Performance
Open-methods are almost as fast as ordinary virtual member functions when compiled with optimization.
clang compiles the following code:
void call_poke_via_ref(std::ostream& os, Animal& a) {
poke(os, a);
}
…to this on the x64 architecture (variable names have been shortened for readability):
mov rax, qword ptr [rsi]
mov rdx, qword ptr [rip + hash_mult]
imul rdx, qword ptr [rax - 8]
movzx ecx, byte ptr [rip + hash_shift]
shr rdx, cl
mov rax, qword ptr [rip + vptrs]
mov rax, qword ptr [rax + 8*rdx]
mov rcx, qword ptr [rip + poke::slots_strides]

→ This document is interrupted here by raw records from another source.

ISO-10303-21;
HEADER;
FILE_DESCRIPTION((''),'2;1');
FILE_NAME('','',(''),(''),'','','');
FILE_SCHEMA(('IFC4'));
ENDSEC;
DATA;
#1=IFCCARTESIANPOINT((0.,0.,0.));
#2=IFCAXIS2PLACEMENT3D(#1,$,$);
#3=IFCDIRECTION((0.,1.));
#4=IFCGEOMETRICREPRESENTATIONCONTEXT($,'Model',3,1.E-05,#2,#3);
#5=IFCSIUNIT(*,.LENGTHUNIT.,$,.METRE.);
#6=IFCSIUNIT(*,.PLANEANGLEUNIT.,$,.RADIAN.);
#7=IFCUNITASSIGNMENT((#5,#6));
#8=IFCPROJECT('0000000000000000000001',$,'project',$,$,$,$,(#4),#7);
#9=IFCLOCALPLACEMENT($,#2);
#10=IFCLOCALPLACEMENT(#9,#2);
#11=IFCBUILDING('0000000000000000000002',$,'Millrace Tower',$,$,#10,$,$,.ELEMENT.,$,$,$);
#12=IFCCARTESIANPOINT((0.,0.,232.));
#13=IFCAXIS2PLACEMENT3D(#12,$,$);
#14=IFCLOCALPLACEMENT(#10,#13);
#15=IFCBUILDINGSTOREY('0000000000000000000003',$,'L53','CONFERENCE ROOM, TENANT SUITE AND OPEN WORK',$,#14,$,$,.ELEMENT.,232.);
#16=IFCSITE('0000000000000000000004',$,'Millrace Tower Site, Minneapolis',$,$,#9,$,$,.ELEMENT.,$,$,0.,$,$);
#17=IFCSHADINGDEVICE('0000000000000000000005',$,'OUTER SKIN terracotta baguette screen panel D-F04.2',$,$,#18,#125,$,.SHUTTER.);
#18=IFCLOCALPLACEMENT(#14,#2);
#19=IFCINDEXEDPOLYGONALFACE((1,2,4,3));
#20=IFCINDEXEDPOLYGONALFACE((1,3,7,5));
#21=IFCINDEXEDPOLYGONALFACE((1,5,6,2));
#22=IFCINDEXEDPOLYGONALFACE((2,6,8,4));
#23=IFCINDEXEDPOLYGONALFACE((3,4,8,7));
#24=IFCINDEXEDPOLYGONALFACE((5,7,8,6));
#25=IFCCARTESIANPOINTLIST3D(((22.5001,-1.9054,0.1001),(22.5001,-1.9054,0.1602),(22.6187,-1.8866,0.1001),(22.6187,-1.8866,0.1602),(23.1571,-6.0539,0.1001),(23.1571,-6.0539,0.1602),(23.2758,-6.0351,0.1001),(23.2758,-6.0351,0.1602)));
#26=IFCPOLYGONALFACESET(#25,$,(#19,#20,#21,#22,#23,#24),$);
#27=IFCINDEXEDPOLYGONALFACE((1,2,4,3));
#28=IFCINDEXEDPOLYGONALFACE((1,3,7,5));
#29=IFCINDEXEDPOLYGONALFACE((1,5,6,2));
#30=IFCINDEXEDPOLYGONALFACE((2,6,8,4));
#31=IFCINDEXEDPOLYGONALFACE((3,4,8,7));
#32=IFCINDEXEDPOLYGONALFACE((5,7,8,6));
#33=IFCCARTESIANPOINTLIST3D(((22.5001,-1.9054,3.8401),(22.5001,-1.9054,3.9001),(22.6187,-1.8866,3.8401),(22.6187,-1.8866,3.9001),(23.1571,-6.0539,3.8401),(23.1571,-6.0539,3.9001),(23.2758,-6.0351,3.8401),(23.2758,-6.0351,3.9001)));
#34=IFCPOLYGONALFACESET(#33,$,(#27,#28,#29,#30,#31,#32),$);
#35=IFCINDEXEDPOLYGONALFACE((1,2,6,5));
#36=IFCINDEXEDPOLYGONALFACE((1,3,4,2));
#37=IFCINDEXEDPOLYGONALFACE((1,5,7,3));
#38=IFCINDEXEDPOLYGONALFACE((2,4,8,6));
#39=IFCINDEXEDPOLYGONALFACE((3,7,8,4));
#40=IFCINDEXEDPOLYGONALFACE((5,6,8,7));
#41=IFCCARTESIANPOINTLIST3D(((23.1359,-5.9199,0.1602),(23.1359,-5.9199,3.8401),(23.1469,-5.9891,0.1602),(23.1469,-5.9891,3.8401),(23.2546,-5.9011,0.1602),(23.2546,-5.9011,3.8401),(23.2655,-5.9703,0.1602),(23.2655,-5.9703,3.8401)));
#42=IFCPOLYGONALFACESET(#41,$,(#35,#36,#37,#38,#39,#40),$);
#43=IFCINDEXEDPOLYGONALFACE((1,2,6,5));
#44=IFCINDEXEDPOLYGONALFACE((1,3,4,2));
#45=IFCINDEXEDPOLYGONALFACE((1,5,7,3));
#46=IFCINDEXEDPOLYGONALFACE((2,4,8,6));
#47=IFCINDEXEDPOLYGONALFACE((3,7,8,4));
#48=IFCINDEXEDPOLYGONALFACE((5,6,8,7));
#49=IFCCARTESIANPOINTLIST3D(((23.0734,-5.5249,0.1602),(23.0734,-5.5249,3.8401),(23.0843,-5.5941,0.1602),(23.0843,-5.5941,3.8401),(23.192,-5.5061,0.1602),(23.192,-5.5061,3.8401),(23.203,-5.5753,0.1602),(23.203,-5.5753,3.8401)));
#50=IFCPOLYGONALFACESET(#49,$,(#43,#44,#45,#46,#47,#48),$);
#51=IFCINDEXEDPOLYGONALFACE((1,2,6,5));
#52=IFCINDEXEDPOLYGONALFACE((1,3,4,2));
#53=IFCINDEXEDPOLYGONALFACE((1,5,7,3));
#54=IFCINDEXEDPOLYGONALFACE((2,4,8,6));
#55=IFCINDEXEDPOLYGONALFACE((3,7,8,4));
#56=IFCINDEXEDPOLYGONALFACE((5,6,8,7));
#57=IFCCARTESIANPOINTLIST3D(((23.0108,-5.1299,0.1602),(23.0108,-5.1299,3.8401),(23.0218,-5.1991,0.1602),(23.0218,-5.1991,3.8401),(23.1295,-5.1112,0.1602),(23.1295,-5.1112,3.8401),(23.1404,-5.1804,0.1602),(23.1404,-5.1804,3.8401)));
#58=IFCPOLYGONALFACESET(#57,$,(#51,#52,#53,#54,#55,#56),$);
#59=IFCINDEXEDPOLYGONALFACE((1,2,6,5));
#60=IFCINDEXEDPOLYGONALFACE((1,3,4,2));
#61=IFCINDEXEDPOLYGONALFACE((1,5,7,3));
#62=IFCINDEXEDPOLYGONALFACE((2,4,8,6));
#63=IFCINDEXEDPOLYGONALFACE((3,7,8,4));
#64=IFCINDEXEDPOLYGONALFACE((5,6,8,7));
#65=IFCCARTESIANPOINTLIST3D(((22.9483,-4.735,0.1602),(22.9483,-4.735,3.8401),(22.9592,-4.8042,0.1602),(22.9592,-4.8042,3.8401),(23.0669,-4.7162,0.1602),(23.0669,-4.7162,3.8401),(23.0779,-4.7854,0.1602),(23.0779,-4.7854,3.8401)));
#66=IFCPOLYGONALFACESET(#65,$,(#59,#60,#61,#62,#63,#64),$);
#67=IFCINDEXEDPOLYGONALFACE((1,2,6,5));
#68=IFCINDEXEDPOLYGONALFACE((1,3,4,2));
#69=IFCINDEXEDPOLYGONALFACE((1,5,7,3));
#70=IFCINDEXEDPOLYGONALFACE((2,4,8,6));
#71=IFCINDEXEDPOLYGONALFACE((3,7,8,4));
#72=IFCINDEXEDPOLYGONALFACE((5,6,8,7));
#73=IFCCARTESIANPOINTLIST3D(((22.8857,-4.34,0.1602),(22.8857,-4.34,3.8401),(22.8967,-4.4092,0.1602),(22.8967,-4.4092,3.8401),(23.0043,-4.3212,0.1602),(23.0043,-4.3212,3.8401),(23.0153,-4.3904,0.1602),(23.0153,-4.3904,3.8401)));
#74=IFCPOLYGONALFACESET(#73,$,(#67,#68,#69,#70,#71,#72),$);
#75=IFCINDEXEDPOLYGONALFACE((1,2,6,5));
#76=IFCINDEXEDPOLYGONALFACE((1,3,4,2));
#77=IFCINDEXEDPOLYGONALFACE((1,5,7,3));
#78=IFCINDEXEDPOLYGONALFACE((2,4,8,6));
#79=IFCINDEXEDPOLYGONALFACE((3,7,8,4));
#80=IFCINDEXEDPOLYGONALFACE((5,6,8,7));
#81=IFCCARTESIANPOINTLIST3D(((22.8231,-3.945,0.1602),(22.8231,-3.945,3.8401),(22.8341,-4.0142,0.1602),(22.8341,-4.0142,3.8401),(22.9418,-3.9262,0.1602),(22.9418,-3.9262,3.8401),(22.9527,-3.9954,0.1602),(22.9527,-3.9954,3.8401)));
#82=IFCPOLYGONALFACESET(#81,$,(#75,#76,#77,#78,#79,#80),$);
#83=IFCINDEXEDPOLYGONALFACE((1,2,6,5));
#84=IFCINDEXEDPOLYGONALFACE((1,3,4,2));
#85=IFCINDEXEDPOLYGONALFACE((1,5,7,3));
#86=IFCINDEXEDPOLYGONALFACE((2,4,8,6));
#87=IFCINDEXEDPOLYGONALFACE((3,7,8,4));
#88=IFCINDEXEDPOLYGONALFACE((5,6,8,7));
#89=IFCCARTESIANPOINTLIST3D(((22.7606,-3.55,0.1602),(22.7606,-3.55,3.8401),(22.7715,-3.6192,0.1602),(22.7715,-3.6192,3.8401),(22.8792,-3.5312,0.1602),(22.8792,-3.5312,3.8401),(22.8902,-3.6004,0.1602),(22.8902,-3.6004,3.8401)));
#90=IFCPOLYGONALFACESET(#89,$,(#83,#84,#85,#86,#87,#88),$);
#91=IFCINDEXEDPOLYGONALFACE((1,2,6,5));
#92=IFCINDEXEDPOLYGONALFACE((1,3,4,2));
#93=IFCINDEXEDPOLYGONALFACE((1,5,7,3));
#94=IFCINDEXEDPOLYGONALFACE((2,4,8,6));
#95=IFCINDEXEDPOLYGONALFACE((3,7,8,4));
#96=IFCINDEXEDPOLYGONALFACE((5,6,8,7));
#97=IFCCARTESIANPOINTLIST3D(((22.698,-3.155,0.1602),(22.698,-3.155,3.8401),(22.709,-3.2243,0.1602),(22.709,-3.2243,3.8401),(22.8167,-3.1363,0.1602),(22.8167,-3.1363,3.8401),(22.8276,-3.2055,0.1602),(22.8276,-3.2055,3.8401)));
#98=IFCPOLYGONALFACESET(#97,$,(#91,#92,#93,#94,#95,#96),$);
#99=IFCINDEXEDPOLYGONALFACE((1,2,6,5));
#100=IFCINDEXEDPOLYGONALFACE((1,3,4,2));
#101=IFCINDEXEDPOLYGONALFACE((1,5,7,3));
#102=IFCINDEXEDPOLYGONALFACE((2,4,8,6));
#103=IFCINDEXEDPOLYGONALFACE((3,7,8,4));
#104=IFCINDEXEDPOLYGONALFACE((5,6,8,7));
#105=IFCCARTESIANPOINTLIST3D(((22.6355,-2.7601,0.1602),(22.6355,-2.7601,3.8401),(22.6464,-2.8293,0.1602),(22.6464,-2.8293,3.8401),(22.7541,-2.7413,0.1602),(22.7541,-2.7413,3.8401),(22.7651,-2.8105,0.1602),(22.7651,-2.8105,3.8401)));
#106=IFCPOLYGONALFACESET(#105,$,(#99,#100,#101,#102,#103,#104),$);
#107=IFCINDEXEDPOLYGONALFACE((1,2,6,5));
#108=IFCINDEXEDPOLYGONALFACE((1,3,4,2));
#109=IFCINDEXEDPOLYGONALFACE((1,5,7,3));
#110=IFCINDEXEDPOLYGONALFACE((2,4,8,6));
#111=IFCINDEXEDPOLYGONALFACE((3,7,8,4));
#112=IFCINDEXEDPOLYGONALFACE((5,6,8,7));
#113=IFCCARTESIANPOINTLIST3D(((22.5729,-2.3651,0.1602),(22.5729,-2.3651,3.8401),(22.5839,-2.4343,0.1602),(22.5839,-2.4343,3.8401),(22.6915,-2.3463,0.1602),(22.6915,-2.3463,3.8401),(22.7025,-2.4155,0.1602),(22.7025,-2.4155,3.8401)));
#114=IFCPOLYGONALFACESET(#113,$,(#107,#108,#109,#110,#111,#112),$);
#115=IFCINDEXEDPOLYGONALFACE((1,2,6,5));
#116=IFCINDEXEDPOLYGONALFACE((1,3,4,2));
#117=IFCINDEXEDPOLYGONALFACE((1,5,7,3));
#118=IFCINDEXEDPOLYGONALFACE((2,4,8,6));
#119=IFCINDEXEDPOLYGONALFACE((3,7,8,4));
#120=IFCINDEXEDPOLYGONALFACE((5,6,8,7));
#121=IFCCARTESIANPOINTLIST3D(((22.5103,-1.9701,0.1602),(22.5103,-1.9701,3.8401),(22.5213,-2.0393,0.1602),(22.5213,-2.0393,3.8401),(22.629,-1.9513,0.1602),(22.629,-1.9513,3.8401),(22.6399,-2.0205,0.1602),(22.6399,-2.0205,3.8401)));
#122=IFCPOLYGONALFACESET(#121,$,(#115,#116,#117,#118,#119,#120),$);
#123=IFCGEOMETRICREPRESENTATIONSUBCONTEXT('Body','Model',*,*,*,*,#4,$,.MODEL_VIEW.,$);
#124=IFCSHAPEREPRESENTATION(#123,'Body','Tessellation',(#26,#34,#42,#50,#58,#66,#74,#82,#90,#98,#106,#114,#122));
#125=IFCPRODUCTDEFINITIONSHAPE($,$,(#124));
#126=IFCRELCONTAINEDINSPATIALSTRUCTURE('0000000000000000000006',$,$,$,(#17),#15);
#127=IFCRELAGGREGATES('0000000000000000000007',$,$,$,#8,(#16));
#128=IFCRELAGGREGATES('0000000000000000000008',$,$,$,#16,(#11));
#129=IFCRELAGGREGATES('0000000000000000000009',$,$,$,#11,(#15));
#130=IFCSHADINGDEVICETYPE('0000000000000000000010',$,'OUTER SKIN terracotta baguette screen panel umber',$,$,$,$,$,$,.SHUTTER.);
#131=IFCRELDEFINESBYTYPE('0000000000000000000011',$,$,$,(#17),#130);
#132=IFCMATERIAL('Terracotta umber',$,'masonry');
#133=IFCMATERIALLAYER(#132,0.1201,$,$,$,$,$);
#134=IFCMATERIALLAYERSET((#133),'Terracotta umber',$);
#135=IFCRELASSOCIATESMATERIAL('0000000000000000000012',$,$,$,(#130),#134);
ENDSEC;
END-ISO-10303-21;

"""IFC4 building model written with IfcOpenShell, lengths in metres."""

from ifc_helpers import new_model, entity, si_unit, direction, frame, frame_2d, origin, origin_2d, place, context, subcontext, project, spatial, rectangle, extrude, source, transform, mapped, material, layer, layer_set, type_object, element, save


model = new_model("IFC4")

# Units and contexts
model_context = context("Model", 3, precision=1e-05, world=origin(), true_north=direction((0.0, 1.0)))
body_context = subcontext(model_context, "Body", "Model", "MODEL_VIEW")
ifc_project = project(units=[si_unit("LENGTHUNIT", "METRE"), si_unit("PLANEANGLEUNIT", "RADIAN")], contexts=[model_context])

# Site, building, storey
site_placement = place(None, origin())
site = spatial("IfcSite", under=ifc_project, at=site_placement, Name="Millrace Tower Site, Minneapolis", CompositionType="ELEMENT", RefElevation=0.0)
building_placement = place(site_placement, origin())
building = spatial("IfcBuilding", under=site, at=building_placement, Name="Millrace Tower", CompositionType="ELEMENT")
storey_placement = place(building_placement, frame((0.0, 0.0, 232.0)))
storey = spatial("IfcBuildingStorey", under=building, at=storey_placement, Name="L53", Description="CONFERENCE ROOM, TENANT SUITE AND OPEN WORK", CompositionType="ELEMENT", Elevation=232.0)

# Shading device
ifc_material_1 = material(Name="Terracotta umber", Category="masonry")
ifc_layer_1 = layer(ifc_material_1, 0.1201)
ifc_layer_set_1 = layer_set([ifc_layer_1], Name="Terracotta umber")
shading_device_type = type_object("IfcShadingDeviceType", Name="OUTER SKIN terracotta baguette screen panel umber", PredefinedType="SHUTTER", material=ifc_layer_set_1)
cartesian_point_1 = entity("IfcCartesianPoint", [-2.1001, 0.0601])
shared_polyline_1 = entity("IfcPolyline", [cartesian_point_1, entity("IfcCartesianPoint", [2.1001, 0.0601]), entity("IfcCartesianPoint", [2.1001, -0.0601]), entity("IfcCartesianPoint", [-2.1001, -0.0601]), cartesian_point_1])
shared_shape_1 = source(origin(), body_context, "Body", "SweptSolid", [
    entity("IfcExtrudedAreaSolid", entity("IfcArbitraryClosedProfileDef", "AREA", None, shared_polyline_1), entity("IfcAxis2Placement3D", entity("IfcCartesianPoint", [0.0, 0.0, 0.0])), entity("IfcDirection", [0.0, 0.0, 1.0]), 0.0601),
    entity("IfcExtrudedAreaSolid", entity("IfcArbitraryClosedProfileDef", "AREA", None, shared_polyline_1), entity("IfcAxis2Placement3D", entity("IfcCartesianPoint", [0.0, 0.0, 3.74])), entity("IfcDirection", [0.0, 0.0, 1.0]), 0.0601),
    extrude(rectangle(XDim=0.0701, YDim=0.1201, at=frame_2d((-1.9995, 0.0))), frame((0.0, 0.0, 0.0601)), (0.0, 0.0, 1.0), 3.6799),
    extrude(rectangle(XDim=0.0701, YDim=0.1201, at=frame_2d((-1.5996, 0.0))), frame((0.0, 0.0, 0.0601)), (0.0, 0.0, 1.0), 3.6799),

mov rax, qword ptr [rax + 8*rcx]
jmp rax
llvm-mca estimates a throughput of 4 cycles per dispatch. Comparatively, calling a native virtual functions takes one cycle. However, the difference is amortized by the time spent passing the arguments and returning from the function; plus, of course, executing the body of the function.
Micro benchmarks suggest that dispatching an open-methods with a single virtual argument is between 30% and 50% slower than calling the equivalent virtual function, with an empty body and no other arguments.
However, call_poke
does two things: it constructs a virtual_ptr<Animal>
from
an Animal&
; and then it calls the method. The construction of the
virtual_ptr
is the costly part, as it involves a hash table lookup. Once that
price has been paid, the virtual_ptr
can be used multiple times. It is passed
to the overrider, which can make further method calls through it. It can be
stored in variables in place of plain pointers.
Let’s look at another example: an AST for an arithmetic calculator:
#include <iostream>
#include <boost/openmethod.hpp>
#include <boost/openmethod/compiler.hpp>
using boost::openmethod::virtual_ptr;
struct Node {
virtual ~Node() {}
};
struct Literal : Node {
explicit Literal(int value) : value(value) {}
int value;
};
struct Plus : Node {
Plus(virtual_ptr<Node> left, virtual_ptr<Node> right)
: left(left), right(right) {}
virtual_ptr<Node> left, right;
};
struct Negate : Node {
explicit Negate(virtual_ptr<Node> node) : child(node) {}
virtual_ptr<Node> child;
};
BOOST_OPENMETHOD(value, (virtual_ptr<Node>), int);
BOOST_OPENMETHOD_OVERRIDE(value, (virtual_ptr<Literal> node), int) {
return node->value;
}
BOOST_OPENMETHOD_OVERRIDE(value, (virtual_ptr<Plus> node), int) {
return value(node->left) + value(node->right);
}
BOOST_OPENMETHOD_OVERRIDE(value, (virtual_ptr<Negate> node), int) {
return -value(node->child);
}
BOOST_OPENMETHOD_CLASSES(Node, Literal, Plus, Negate);
auto main() -> int {
boost::openmethod::initialize();
Literal one(1), two(2);
Plus sum(one, two);
Negate neg(sum);
std::cout << value(neg) << "\n"; // -3
return 0;
}
The Negate
overrider compiles to:
mov rdi, qword ptr [rsi + 8]
mov rsi, qword ptr [rsi + 16]
mov rax, qword ptr [rip + value::slots_strides]
call qword ptr [rdi + 8*rax]
neg eax
pop rcx
The first two instructions read the virtual_ptr
from this
- placing its
content in registers rdi
and rsi
.
The next two instructions are the method call proper. According to llvm-mca, they take one cycle - the same as a native virtual function call.
When we create the Plus
and Negate
nodes, we call the conversion
constructors of virtual_ptr<Node>
, which occur the cost of hash table lookups.
However, in this example, we know the exact types of the objects. In that case,
we can use final_virtual_ptr
to construct the virtual_ptr
using a single
instruction. For example:
Literal one(1);
Negate neg(boost::openmethod::final_virtual_ptr(one));
…compiles to:
;; construct Literal
lea rax, [rip + vtable for Literal+16]
mov qword ptr [rsp], rax
mov dword ptr [rsp+8], 1
;; construct Negate
mov rax, qword ptr [rip+static_vptr<Literal>] ; address of openmethod v-table
lea rcx, [rip+vtable for Negate+16] ; address of native v-table
mov qword ptr [rsp+16], rcx ; set native v-table
mov qword ptr [rsp+24], rax ; set openmethod v-table
mov rax, rsp ; address of 'one'
mov qword ptr [rsp+32], rax ; set vptr object pointer to 'one'
final_virtual_ptr
does not require its argument to have a polymorphic type.